NOVEDADES
CONTRA-REVOLUCIONARIAS
jueves, 2 de enero de 2020
IDEAL – 03/01/2020
¿La sociedad humana realizó alguna vez el ideal de perfección que señalaba San Agustín? Sin duda. Veamos dos textos del Papa León XIII.
Obrada la Redención y fundada la Iglesia, como despertando de un antiguo, prolongado y mortal letargo, el hombre percibió la luz de la verdad, que había buscado y deseado en vano durante tantos siglos, reconoció sobre todo que había nacido para bienes mucho más altos y más magníficos que los bienes frágiles y perecibles que son alcanzados por los sentidos, y alrededor de los cuales había circunscrito hasta entonces sus pensamientos y sus preocupaciones. Comprendió que toda la constitución de la vida humana, la ley suprema, el fin al cual todo hombre se debe sujetar, es que, venidos de Dios, un día debemos volver a Él. De esta fuente, sobre este fundamento, se vio renacer la conciencia de la dignidad humana, el sentimiento de que la fraternidad social es necesaria hizo entonces pulsar los corazones, en consecuencia, los derechos y deberes alcanzaron su perfección, o se fijaron integralmente y, al mismo tiempo, en diversos puntos, se expandieron virtudes tales que la filosofía de los antiguos siquiera pudo jamás imaginar. Por esto, los designios de los hombres, la conducta de la vida, las costumbres tomaron otro rumbo. Y cuando el conocimiento del Redentor se esparció a lo lejos, cuando Su virtud penetró hasta las vetas más íntimas de la sociedad, disipando las tinieblas y los vicios de la Antigüedad, entonces se obró aquella transformación que, en la era de la Civilización Cristiana, cambió enteramente la faz de la tierra. De la Encíclica Tametsi futura prospiscientibus.

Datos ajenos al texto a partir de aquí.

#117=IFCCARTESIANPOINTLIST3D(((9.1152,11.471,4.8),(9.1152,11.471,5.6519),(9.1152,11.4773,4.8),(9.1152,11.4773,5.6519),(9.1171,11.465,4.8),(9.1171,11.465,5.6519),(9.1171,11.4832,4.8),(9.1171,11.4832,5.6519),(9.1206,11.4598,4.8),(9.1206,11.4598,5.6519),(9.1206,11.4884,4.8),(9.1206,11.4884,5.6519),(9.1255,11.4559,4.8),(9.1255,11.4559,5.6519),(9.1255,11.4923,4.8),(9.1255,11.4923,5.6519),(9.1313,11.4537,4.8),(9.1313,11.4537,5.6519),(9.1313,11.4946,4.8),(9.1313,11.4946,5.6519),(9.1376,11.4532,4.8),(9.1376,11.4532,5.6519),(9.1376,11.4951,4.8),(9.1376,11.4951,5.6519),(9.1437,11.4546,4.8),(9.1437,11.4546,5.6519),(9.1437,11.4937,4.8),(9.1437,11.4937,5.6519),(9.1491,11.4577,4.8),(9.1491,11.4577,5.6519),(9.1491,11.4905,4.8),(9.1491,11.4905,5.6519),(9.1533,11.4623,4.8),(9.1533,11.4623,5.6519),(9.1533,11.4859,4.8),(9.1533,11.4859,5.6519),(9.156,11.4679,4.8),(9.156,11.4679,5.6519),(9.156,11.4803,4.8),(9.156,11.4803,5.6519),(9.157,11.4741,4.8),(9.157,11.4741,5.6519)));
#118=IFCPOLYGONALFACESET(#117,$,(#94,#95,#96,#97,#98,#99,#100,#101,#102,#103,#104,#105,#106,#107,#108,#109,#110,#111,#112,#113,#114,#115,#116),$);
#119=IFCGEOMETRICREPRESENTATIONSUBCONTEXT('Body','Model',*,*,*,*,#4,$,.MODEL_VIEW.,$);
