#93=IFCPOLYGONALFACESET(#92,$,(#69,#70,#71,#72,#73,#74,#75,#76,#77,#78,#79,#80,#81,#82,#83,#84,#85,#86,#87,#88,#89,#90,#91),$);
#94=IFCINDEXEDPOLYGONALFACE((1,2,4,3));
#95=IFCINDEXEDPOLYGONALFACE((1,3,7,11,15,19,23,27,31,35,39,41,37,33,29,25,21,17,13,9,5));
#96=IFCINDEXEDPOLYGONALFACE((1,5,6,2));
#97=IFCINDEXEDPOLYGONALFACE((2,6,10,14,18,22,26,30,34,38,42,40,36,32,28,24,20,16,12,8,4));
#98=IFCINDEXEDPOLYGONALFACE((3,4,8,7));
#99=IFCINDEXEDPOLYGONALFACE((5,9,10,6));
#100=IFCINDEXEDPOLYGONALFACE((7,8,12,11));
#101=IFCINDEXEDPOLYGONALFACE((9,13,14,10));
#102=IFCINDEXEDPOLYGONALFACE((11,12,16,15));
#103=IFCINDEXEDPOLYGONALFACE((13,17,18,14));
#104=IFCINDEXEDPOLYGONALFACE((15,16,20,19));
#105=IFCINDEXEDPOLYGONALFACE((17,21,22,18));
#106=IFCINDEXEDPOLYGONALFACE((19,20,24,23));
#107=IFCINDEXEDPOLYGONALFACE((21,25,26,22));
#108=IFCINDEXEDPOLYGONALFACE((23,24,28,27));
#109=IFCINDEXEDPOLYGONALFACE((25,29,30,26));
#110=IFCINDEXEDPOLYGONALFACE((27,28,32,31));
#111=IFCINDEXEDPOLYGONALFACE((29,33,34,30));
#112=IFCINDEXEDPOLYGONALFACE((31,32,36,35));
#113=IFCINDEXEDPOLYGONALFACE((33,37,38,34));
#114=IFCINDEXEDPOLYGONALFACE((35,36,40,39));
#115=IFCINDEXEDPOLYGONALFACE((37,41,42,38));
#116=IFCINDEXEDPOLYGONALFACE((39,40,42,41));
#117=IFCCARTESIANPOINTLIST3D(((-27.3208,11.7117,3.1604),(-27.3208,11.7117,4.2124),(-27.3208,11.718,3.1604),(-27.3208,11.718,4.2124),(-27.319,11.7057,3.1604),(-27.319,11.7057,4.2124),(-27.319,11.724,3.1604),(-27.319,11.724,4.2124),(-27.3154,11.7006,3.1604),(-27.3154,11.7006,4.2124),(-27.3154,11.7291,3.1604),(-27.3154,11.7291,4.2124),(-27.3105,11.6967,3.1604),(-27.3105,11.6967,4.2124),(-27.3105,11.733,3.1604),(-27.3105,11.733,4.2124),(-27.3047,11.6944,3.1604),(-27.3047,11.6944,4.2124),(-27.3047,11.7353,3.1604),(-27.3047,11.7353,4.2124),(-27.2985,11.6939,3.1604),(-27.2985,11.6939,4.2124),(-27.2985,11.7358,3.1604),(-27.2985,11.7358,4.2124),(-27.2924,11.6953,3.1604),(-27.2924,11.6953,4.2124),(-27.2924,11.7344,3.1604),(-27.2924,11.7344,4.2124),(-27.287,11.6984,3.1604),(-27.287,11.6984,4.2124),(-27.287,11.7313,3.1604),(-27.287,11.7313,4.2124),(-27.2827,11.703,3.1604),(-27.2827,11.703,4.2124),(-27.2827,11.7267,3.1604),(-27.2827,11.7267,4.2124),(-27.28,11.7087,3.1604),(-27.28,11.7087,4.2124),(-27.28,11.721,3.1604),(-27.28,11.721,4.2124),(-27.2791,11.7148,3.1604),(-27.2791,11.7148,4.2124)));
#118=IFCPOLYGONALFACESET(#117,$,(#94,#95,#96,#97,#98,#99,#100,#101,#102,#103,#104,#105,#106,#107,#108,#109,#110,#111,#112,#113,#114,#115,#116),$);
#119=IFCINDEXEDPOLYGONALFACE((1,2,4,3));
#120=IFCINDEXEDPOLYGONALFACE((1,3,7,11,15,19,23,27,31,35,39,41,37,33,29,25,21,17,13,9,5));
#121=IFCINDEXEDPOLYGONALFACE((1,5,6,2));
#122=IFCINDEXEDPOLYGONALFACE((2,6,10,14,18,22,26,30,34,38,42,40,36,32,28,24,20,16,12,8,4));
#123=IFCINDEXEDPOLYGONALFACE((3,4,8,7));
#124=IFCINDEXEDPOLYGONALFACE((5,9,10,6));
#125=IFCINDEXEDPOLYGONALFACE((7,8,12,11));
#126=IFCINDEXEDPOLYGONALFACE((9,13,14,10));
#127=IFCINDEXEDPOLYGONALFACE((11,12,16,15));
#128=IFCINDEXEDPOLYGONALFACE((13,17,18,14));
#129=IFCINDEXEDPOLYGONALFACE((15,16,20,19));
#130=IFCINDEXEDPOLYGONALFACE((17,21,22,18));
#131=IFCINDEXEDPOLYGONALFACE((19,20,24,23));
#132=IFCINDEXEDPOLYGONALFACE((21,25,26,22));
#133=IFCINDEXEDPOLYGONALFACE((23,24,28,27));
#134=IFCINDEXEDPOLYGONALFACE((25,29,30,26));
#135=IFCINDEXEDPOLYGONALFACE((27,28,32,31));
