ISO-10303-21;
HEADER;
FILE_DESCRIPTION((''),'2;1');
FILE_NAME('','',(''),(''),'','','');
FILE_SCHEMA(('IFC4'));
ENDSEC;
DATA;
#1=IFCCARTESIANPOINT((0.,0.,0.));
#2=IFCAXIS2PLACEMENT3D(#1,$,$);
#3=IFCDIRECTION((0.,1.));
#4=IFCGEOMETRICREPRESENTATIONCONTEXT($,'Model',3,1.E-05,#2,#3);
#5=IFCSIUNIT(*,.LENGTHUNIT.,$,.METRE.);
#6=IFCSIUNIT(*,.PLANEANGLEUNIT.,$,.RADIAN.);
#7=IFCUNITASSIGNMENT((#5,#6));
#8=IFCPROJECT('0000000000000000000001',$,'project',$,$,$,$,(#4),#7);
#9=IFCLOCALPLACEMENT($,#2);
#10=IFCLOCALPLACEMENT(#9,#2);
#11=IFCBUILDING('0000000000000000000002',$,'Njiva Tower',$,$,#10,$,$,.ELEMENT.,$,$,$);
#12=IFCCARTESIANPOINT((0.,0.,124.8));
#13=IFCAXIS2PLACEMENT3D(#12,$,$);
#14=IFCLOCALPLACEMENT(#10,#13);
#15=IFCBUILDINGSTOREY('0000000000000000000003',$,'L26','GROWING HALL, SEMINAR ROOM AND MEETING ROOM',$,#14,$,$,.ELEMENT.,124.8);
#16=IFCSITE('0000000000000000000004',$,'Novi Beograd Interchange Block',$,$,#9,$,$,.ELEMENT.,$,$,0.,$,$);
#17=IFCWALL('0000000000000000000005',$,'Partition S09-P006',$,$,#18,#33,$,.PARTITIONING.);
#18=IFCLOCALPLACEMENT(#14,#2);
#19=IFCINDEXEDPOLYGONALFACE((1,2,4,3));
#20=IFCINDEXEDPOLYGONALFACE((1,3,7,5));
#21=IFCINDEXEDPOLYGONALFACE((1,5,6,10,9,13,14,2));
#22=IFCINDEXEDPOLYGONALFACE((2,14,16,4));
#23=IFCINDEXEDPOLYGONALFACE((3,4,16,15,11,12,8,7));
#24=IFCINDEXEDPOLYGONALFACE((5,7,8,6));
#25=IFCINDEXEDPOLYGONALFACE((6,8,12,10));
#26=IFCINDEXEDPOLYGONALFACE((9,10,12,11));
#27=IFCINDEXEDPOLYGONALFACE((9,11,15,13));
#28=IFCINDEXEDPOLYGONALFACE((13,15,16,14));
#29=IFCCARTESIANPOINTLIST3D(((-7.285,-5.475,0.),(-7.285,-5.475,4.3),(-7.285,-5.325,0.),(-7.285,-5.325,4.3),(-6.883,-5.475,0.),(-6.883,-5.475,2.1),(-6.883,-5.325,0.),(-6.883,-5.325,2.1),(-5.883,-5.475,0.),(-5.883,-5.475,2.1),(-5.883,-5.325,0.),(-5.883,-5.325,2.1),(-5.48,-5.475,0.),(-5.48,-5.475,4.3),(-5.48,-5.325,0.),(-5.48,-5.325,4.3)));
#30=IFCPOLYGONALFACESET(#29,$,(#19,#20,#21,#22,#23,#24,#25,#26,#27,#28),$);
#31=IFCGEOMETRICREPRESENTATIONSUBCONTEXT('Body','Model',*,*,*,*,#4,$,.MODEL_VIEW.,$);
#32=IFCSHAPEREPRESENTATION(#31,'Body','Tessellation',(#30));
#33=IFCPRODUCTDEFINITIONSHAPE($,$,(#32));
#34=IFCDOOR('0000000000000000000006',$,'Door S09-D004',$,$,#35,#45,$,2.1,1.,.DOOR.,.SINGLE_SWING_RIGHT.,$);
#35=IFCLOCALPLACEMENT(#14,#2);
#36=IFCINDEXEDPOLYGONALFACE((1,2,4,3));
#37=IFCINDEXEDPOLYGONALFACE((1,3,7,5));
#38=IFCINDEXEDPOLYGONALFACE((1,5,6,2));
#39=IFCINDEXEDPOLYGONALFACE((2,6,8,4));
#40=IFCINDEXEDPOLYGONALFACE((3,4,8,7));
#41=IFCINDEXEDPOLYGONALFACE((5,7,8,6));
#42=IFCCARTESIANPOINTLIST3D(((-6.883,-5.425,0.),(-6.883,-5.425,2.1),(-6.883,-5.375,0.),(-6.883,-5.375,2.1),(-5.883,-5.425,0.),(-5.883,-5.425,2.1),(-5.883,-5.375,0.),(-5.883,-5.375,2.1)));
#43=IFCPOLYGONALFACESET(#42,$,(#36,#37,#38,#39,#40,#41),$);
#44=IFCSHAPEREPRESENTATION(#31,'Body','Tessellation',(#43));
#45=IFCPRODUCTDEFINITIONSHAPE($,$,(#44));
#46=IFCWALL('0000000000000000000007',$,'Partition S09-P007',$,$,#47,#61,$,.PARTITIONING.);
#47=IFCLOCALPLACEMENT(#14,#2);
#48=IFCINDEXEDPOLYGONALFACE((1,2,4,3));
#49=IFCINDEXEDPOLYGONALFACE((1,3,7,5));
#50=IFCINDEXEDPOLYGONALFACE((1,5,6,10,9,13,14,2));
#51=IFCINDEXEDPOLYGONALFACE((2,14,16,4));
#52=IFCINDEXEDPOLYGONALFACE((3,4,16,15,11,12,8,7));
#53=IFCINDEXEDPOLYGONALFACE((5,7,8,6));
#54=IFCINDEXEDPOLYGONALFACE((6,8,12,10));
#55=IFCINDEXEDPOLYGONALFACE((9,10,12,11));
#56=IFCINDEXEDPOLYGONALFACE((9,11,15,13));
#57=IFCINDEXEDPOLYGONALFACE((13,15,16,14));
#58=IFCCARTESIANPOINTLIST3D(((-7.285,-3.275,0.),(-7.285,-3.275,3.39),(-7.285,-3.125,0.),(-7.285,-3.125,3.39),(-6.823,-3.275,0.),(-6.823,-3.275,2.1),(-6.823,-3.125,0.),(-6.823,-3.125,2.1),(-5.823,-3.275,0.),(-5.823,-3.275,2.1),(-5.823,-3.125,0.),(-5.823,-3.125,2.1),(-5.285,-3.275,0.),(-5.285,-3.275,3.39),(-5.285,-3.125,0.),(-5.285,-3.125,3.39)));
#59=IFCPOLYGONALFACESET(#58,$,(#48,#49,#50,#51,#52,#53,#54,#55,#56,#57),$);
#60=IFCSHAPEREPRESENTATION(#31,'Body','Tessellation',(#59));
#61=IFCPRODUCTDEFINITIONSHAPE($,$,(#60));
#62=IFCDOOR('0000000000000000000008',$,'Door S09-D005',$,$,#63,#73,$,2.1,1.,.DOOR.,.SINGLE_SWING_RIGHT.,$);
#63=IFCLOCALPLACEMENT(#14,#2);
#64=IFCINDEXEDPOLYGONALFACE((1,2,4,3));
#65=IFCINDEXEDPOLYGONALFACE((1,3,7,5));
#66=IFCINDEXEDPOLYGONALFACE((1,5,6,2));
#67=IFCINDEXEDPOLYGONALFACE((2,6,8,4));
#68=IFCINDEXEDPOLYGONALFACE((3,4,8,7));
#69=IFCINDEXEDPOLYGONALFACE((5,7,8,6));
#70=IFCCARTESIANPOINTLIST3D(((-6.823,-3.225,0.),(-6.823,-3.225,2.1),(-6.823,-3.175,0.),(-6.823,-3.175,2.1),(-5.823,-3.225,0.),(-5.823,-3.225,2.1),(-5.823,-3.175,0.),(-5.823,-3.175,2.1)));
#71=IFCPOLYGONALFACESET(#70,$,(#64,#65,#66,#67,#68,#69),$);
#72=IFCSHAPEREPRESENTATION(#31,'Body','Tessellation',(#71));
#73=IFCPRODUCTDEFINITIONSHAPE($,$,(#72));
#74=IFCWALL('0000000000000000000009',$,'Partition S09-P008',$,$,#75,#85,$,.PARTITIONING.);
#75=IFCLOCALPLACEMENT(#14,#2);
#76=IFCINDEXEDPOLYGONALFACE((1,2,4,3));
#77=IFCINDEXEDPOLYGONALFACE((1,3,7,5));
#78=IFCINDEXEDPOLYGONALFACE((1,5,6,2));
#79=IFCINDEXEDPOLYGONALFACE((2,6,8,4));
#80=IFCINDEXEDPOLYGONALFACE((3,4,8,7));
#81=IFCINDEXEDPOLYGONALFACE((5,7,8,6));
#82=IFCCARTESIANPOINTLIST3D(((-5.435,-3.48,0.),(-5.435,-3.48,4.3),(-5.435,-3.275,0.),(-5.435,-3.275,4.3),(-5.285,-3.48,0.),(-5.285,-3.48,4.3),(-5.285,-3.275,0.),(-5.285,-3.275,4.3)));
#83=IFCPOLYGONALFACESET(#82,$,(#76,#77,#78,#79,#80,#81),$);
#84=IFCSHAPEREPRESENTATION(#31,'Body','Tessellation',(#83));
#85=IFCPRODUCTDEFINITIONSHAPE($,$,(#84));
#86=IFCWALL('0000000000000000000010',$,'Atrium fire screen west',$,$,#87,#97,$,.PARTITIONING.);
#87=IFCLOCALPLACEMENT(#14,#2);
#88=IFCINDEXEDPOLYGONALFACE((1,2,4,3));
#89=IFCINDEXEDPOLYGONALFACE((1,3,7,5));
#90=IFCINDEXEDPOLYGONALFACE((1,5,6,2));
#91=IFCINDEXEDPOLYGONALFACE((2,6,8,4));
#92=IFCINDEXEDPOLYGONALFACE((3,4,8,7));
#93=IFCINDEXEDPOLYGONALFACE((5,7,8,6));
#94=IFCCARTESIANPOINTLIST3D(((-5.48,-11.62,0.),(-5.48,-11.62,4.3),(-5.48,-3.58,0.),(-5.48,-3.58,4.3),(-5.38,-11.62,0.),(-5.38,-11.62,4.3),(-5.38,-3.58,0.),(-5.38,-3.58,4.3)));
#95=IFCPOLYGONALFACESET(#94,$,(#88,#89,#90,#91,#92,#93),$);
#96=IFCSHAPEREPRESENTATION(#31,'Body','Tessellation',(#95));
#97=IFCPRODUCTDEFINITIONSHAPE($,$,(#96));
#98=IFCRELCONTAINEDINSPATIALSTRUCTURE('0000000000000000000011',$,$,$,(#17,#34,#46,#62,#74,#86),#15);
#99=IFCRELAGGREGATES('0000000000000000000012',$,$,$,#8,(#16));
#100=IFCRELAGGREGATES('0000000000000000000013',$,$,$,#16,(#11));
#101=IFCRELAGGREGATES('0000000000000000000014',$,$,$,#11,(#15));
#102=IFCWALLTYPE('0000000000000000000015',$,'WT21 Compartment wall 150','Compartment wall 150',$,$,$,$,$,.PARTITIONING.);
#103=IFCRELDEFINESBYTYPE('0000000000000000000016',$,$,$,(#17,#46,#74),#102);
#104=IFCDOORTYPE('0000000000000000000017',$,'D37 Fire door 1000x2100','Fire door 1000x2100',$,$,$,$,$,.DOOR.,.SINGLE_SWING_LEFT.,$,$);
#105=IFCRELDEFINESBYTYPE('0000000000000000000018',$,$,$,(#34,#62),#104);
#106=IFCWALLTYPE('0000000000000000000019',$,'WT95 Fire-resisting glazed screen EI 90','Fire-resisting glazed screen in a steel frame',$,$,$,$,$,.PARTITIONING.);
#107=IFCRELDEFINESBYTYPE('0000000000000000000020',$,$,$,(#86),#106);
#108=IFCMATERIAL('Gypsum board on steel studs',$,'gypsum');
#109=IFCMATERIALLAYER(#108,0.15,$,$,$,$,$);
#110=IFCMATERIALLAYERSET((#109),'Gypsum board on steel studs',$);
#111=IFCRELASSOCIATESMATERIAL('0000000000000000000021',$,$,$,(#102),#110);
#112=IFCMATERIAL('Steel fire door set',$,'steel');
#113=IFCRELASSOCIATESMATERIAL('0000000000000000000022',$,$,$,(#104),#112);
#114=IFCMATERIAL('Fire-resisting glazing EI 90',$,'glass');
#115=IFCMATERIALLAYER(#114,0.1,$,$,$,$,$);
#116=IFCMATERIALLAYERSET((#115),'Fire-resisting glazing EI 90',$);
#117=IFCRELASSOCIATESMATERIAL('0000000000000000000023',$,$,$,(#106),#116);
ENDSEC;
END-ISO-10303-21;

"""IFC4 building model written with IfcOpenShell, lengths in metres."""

from ifc_helpers import new_model, si_unit, direction, frame, frame_2d, origin, place, context, subcontext, project, spatial, rectangle, extrude, material, layer, layer_set, type_object, element, fill, save


model = new_model("IFC4")

# Units and contexts
model_context = context("Model", 3, precision=1e-05, world=origin(), true_north=direction((0.0, 1.0)))
body_context = subcontext(model_context, "Body", "Model", "MODEL_VIEW")
ifc_project = project(units=[si_unit("LENGTHUNIT", "METRE"), si_unit("PLANEANGLEUNIT", "RADIAN")], contexts=[model_context])

# Site, building, storey
site_placement = place(None, origin())
site = spatial("IfcSite", under=ifc_project, at=site_placement, Name="Novi Beograd Interchange Block", CompositionType="ELEMENT", RefElevation=0.0)
building_placement = place(site_placement, origin())
building = spatial("IfcBuilding", under=site, at=building_placement, Name="Njiva Tower", CompositionType="ELEMENT")
storey_placement = place(building_placement, frame((0.0, 0.0, 124.8)))
storey = spatial("IfcBuildingStorey", under=building, at=storey_placement, Name="L26", Description="GROWING HALL, SEMINAR ROOM AND MEETING ROOM", CompositionType="ELEMENT", Elevation=124.8)

# Shared definitions
ifc_material_1 = material(Name="Gypsum board on steel studs", Category="gypsum")
ifc_layer_1 = layer(ifc_material_1, 0.15)
ifc_layer_set_1 = layer_set([ifc_layer_1], Name="Gypsum board on steel studs")
wall_type_1 = type_object("IfcWallType", Name="WT21 Compartment wall 150", Description="Compartment wall 150", PredefinedType="PARTITIONING", material=ifc_layer_set_1)

# Walls, openings, doors
wall_1_placement = place(storey_placement, frame((-7.285, -5.4, 0.0), z_axis=(0.0, 0.0, 1.0), x_axis=(1.0, 0.0, 0.0)))
wall_1 = element("IfcWall", 1, at=wall_1_placement, inside=storey, type_object=wall_type_1, Name="Partition S09-P006", PredefinedType="PARTITIONING", context=body_context, shape_type="SweptSolid", body=[
    extrude(rectangle(XDim=1.805, YDim=0.15, at=frame_2d((0.9025, 0.0))), origin(), (0.0, 0.0, 1.0), 4.3),
])
opening_1_placement = place(wall_1_placement, frame((0.402, 0.0, 0.0)))
opening_1 = element("IfcOpeningElement", 2, at=opening_1_placement, cuts=wall_1, PredefinedType="OPENING", context=body_context, shape_type="SweptSolid", body=[
    extrude(rectangle(XDim=1.0, YDim=2.1, at=frame_2d((0.5, 1.05))), frame((0.0, 0.085, 0.0), z_axis=(0.0, -1.0, 0.0), x_axis=(1.0, 0.0, 0.0)), (0.0, 0.0, 1.0), 0.17),
])
ifc_material_2 = material(Name="Steel fire door set", Category="steel")
door_type = type_object("IfcDoorType", Name="D37 Fire door 1000x2100", Description="Fire door 1000x2100", OperationType="SINGLE_SWING_LEFT", PredefinedType="DOOR", material=ifc_material_2)
door_1_placement = place(opening_1_placement, origin())
door_1 = element("IfcDoor", 3, at=door_1_placement, inside=storey, type_object=door_type, Name="Door S09-D004", OperationType="SINGLE_SWING_RIGHT", OverallHeight=2.1, OverallWidth=1.0, PredefinedType="DOOR", context=body_context, shape_type="SweptSolid", body=[
    extrude(rectangle(XDim=1.0, YDim=2.1, at=frame_2d((0.5, 1.05))), frame((0.0, 0.025, 0.0), z_axis=(0.0, -1.0, 0.0), x_axis=(1.0, 0.0, 0.0)), (0.0, 0.0, 1.0), 0.05),
])
fill(opening_1, door_1)
wall_2_placement = place(storey_placement, frame((-7.285, -3.2, 0.0), z_axis=(0.0, 0.0, 1.0), x_axis=(1.0, 0.0, 0.0)))
wall_2 = element("IfcWall", 4, at=wall_2_placement, inside=storey, type_object=wall_type_1, Name="Partition S09-P007", PredefinedType="PARTITIONING", context=body_context, shape_type="SweptSolid", body=[
    extrude(rectangle(XDim=2.0, YDim=0.15, at=frame_2d((1.0, 0.0))), origin(), (0.0, 0.0, 1.0), 3.39),
])
opening_2_placement = place(wall_2_placement, frame((0.462, 0.0, 0.0)))
opening_2 = element("IfcOpeningElement", 5, at=opening_2_placement, cuts=wall_2, PredefinedType="OPENING", context=body_context, shape_type="SweptSolid", body=[
    extrude(rectangle(XDim=1.0, YDim=2.1, at=frame_2d((0.5, 1.05))), frame((0.0, 0.085, 0.0), z_axis=(0.0, -1.0, 0.0), x_axis=(1.0, 0.0, 0.0)), (0.0, 0.0, 1.0), 0.17),
])
door_2_placement = place(opening_2_placement, origin())
door_2 = element("IfcDoor", 6, at=door_2_placement, inside=storey, type_object=door_type, Name="Door S09-D005", OperationType="SINGLE_SWING_RIGHT", OverallHeight=2.1, OverallWidth=1.0, PredefinedType="DOOR", context=body_context, shape_type="SweptSolid", body=[
    extrude(rectangle(XDim=1.0, YDim=2.1, at=frame_2d((0.5, 1.05))), frame((0.0, 0.025, 0.0), z_axis=(0.0, -1.0, 0.0), x_axis=(1.0, 0.0, 0.0)), (0.0, 0.0, 1.0), 0.05),
])
fill(opening_2, door_2)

En la imagen el rey San Luis IX dando de comer a los pobres.
Y en la Encíclica Inmortale Dei decía: Hubo un tiempo en que la filosofía del Evangelio gobernaba los Estados. En aquella época la eficacia propia de la sabiduría cristiana y su virtud divina habían penetrado en las leyes, en las instituciones, en la moral de los pueblos, infiltrándose en todas las clases y relaciones de la sociedad. La religión fundada por Jesucristo se veía colocada firmemente en el grado de honor que le corresponde y florecía en todas partes gracias a la adhesión benévola de los gobernantes y a la tutela legítima de los magistrados. El sacerdocio y el Imperio vivían unidos en mutua concordia y amistoso consorcio de voluntades. Organizado de este modo, el Estado produjo bienes superiores a toda esperanza. Todavía subsiste la memoria de estos beneficios y quedará vigente en innumerables monumentos históricos que ninguna habilidad corruptora de los adversarios podrá desvirtuar u oscurecer.